HSA is a computing architecture that integrates CPUs, GPUs and other compute devices on the same bus, with shared memory and tasks. HSA, which has been pioneered by AMD, is being developed by the HSA Foundation, which includes ARM and a number of other industry leaders. The goal is to reduce communication latency between these various devices and make them more compatible from a programmer’s perspective. The open-source HSA Linux support will continue to be polished over the months ahead.

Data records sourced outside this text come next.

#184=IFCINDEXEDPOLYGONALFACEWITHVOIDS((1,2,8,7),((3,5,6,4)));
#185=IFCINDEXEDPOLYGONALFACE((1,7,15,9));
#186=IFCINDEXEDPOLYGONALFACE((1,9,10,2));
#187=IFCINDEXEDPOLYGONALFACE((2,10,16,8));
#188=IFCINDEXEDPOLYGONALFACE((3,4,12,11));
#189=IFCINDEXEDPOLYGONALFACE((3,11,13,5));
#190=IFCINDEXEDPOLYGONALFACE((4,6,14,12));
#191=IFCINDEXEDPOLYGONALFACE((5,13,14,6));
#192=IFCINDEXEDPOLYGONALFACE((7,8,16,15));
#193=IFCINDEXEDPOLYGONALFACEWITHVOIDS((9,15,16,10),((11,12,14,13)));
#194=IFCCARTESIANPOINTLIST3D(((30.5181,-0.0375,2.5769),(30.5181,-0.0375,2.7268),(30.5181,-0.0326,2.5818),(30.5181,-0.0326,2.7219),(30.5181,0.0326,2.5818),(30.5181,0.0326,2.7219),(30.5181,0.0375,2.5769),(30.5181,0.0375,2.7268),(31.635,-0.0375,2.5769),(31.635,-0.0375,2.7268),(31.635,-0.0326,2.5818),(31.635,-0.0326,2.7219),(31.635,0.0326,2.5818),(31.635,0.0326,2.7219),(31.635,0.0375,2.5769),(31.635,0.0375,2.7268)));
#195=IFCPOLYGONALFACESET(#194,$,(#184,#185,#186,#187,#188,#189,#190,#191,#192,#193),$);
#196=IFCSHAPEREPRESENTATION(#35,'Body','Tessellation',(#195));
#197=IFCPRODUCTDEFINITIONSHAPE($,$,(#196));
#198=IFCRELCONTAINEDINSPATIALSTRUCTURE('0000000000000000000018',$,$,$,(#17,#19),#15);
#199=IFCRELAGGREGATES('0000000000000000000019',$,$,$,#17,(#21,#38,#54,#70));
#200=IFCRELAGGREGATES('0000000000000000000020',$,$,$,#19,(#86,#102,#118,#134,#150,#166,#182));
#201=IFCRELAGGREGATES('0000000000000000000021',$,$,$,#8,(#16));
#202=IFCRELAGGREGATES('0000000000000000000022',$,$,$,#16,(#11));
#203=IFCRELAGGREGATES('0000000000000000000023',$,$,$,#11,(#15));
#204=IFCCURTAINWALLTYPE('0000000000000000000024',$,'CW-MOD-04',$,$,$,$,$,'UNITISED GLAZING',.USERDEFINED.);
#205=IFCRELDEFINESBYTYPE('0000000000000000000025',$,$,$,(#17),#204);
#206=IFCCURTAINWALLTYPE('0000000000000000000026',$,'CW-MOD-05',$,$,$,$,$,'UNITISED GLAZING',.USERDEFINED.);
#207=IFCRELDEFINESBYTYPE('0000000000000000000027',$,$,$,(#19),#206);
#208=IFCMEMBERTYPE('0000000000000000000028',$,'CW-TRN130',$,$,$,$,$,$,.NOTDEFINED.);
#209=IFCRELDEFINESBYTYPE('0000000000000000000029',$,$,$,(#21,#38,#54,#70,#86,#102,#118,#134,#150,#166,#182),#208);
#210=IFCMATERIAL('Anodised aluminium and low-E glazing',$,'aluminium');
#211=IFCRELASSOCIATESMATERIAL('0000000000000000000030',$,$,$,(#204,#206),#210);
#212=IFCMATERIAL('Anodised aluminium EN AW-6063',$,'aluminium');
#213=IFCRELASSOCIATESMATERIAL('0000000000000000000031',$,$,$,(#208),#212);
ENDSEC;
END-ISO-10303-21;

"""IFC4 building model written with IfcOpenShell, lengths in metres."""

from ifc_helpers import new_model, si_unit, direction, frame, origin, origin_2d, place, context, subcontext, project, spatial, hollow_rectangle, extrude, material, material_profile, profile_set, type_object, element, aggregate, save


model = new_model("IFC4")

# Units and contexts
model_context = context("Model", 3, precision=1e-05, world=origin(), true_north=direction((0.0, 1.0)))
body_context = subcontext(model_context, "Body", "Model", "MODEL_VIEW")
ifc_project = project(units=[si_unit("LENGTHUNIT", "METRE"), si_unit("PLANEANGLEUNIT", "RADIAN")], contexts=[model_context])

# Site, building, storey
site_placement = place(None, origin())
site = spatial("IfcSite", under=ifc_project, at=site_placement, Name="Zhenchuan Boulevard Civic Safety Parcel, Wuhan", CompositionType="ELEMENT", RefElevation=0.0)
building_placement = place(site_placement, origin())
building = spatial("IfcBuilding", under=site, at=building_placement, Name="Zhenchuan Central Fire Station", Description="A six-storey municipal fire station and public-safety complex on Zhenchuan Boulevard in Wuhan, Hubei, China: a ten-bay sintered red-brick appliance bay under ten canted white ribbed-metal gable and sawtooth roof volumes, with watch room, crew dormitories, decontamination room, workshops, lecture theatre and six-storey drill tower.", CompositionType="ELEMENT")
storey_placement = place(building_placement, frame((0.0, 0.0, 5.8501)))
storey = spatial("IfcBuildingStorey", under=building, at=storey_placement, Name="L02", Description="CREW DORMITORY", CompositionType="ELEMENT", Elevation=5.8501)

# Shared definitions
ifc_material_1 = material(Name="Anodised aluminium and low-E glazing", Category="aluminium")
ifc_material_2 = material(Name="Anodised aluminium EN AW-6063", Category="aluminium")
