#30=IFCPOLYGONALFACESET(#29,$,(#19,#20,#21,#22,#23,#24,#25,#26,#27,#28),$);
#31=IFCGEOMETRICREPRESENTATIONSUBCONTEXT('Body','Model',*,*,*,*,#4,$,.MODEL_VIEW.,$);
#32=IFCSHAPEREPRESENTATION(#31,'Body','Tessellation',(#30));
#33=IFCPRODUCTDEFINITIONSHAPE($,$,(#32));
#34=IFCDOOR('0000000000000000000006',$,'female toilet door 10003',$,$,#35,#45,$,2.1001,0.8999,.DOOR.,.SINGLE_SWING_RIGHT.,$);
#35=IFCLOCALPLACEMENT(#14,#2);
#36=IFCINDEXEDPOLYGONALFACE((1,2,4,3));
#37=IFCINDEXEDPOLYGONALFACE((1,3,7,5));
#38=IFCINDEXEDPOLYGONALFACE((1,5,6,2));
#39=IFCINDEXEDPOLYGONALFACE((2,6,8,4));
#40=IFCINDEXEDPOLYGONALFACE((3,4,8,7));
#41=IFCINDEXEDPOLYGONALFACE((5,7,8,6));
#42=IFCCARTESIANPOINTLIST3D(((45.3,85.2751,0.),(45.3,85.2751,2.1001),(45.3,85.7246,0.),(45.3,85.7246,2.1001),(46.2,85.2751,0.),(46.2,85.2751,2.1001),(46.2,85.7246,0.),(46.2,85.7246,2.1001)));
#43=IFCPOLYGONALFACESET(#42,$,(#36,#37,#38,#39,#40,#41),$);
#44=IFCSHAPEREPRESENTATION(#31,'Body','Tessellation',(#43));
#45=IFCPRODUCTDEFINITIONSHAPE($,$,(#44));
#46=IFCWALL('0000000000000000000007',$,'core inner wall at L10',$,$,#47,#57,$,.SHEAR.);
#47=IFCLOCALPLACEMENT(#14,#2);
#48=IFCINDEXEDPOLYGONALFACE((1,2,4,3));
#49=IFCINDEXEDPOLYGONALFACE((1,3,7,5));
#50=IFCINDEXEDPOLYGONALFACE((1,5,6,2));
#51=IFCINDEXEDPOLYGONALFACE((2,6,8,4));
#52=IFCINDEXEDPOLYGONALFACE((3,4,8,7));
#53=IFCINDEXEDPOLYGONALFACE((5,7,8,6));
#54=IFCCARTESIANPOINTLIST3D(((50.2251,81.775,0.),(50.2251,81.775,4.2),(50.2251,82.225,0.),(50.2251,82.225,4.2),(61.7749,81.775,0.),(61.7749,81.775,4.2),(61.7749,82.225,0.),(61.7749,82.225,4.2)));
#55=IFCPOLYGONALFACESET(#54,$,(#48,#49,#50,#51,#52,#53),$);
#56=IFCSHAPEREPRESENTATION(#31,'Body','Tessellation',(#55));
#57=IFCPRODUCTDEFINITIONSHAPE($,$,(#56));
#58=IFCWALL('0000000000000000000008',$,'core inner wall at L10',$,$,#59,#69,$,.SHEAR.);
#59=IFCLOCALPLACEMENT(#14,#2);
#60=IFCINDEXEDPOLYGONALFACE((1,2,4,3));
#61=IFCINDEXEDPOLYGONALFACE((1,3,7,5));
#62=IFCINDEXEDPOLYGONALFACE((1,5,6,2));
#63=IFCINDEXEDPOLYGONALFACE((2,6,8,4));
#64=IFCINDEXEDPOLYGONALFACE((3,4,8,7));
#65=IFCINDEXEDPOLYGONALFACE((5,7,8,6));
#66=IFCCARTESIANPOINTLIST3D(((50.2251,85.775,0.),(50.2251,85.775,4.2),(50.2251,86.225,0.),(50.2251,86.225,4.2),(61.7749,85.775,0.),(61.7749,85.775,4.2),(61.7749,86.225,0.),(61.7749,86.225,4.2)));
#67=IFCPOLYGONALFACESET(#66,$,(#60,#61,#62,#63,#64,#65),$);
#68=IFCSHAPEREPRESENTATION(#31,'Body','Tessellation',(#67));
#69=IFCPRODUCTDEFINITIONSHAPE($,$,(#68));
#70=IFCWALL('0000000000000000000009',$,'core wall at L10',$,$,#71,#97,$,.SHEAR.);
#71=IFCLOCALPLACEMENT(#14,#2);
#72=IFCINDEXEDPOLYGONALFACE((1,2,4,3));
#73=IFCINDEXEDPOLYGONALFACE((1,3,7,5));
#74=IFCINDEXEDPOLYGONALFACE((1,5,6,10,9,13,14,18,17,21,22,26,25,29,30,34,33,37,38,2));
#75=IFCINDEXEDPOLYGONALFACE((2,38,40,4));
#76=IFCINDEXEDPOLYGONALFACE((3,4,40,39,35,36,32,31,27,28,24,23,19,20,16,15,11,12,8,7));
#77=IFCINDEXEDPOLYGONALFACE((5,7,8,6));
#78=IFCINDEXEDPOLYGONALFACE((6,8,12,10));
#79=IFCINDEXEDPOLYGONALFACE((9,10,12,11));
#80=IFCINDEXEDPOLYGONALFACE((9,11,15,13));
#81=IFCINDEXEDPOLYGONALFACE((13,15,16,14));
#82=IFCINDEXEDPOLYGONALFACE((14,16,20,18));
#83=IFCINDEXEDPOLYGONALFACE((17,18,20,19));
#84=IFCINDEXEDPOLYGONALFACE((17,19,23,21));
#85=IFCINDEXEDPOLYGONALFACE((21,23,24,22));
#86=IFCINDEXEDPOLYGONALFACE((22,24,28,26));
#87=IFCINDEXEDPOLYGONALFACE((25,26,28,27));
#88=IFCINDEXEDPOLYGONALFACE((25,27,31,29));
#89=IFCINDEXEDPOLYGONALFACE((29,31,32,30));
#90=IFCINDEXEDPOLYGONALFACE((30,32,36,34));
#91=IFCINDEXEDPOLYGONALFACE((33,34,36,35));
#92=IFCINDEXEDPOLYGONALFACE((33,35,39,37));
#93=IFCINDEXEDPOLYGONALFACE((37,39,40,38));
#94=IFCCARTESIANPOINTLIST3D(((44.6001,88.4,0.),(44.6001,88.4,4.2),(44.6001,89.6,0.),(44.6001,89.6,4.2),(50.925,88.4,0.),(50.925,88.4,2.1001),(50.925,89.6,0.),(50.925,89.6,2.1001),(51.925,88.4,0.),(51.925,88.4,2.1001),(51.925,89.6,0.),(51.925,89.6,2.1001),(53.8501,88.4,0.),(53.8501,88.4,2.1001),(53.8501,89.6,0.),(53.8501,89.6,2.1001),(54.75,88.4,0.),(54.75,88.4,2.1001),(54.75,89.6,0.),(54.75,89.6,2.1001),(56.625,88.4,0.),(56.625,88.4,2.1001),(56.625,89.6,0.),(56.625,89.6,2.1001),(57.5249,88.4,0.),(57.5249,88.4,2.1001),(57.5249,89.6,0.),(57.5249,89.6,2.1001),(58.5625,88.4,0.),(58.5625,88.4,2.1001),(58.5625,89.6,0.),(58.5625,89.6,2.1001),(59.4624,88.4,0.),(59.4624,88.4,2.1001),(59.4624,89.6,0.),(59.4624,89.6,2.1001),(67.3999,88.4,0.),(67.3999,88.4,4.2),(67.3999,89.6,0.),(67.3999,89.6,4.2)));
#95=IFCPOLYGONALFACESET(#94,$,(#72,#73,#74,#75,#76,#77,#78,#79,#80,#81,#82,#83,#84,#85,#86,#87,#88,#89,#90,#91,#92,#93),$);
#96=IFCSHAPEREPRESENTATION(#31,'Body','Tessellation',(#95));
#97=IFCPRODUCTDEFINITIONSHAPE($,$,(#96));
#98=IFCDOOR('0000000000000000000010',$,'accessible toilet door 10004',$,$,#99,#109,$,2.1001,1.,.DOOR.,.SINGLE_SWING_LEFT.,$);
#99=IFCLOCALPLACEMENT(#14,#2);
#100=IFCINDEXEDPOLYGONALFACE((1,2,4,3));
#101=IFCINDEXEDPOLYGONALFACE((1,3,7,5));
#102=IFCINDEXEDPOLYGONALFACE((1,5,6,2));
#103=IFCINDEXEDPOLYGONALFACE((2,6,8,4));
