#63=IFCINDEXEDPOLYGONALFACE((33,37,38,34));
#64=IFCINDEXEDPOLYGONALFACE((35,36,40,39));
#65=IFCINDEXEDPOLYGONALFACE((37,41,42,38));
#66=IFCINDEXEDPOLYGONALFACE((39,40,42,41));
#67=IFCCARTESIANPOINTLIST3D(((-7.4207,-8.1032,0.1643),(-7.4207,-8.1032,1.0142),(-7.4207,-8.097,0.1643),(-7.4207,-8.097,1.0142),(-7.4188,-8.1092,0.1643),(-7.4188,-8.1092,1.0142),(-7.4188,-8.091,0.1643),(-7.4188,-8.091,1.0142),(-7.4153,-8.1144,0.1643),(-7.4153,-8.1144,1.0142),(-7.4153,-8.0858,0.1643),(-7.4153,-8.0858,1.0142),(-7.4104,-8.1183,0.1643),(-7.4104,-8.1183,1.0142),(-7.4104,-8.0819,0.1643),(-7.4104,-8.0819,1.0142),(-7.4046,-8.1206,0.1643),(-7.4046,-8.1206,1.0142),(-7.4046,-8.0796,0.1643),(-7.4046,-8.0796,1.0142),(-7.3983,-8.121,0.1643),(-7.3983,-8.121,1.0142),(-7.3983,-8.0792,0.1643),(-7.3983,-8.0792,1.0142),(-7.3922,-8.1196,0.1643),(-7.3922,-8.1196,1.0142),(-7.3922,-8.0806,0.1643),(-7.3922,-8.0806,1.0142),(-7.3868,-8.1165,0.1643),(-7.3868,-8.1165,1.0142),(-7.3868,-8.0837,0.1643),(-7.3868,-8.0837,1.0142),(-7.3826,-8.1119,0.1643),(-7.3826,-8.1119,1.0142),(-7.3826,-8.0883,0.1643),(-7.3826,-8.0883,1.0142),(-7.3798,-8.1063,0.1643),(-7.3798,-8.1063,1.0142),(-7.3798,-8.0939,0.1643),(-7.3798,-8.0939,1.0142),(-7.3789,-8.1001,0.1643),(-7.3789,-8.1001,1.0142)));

Speaking of ARM, the Linux Kernel 3.19 also adds support for two new ARM64 platforms: the AMD Opteron A1100 Series processor developer kit, and the ARM Juno developer platform. According to Linus Torvalds, about 20% of 3.19 kernel changes are architectural updates, with these mostly for ARM and ARM64. As previously mentioned, the AMD Opteron A1100 Series processor developer kit is supported by OpenSUSE 13.2, Fedora 21, and Xen 4.5, providing developers with a rich set of operating environments.
It’s certainly an exciting time to be working on HSA and ARM technologies and on the development of innovations that we believe will be highly competitive in the server market. Keep following us for more updates on our ecosystem progress and new software releases.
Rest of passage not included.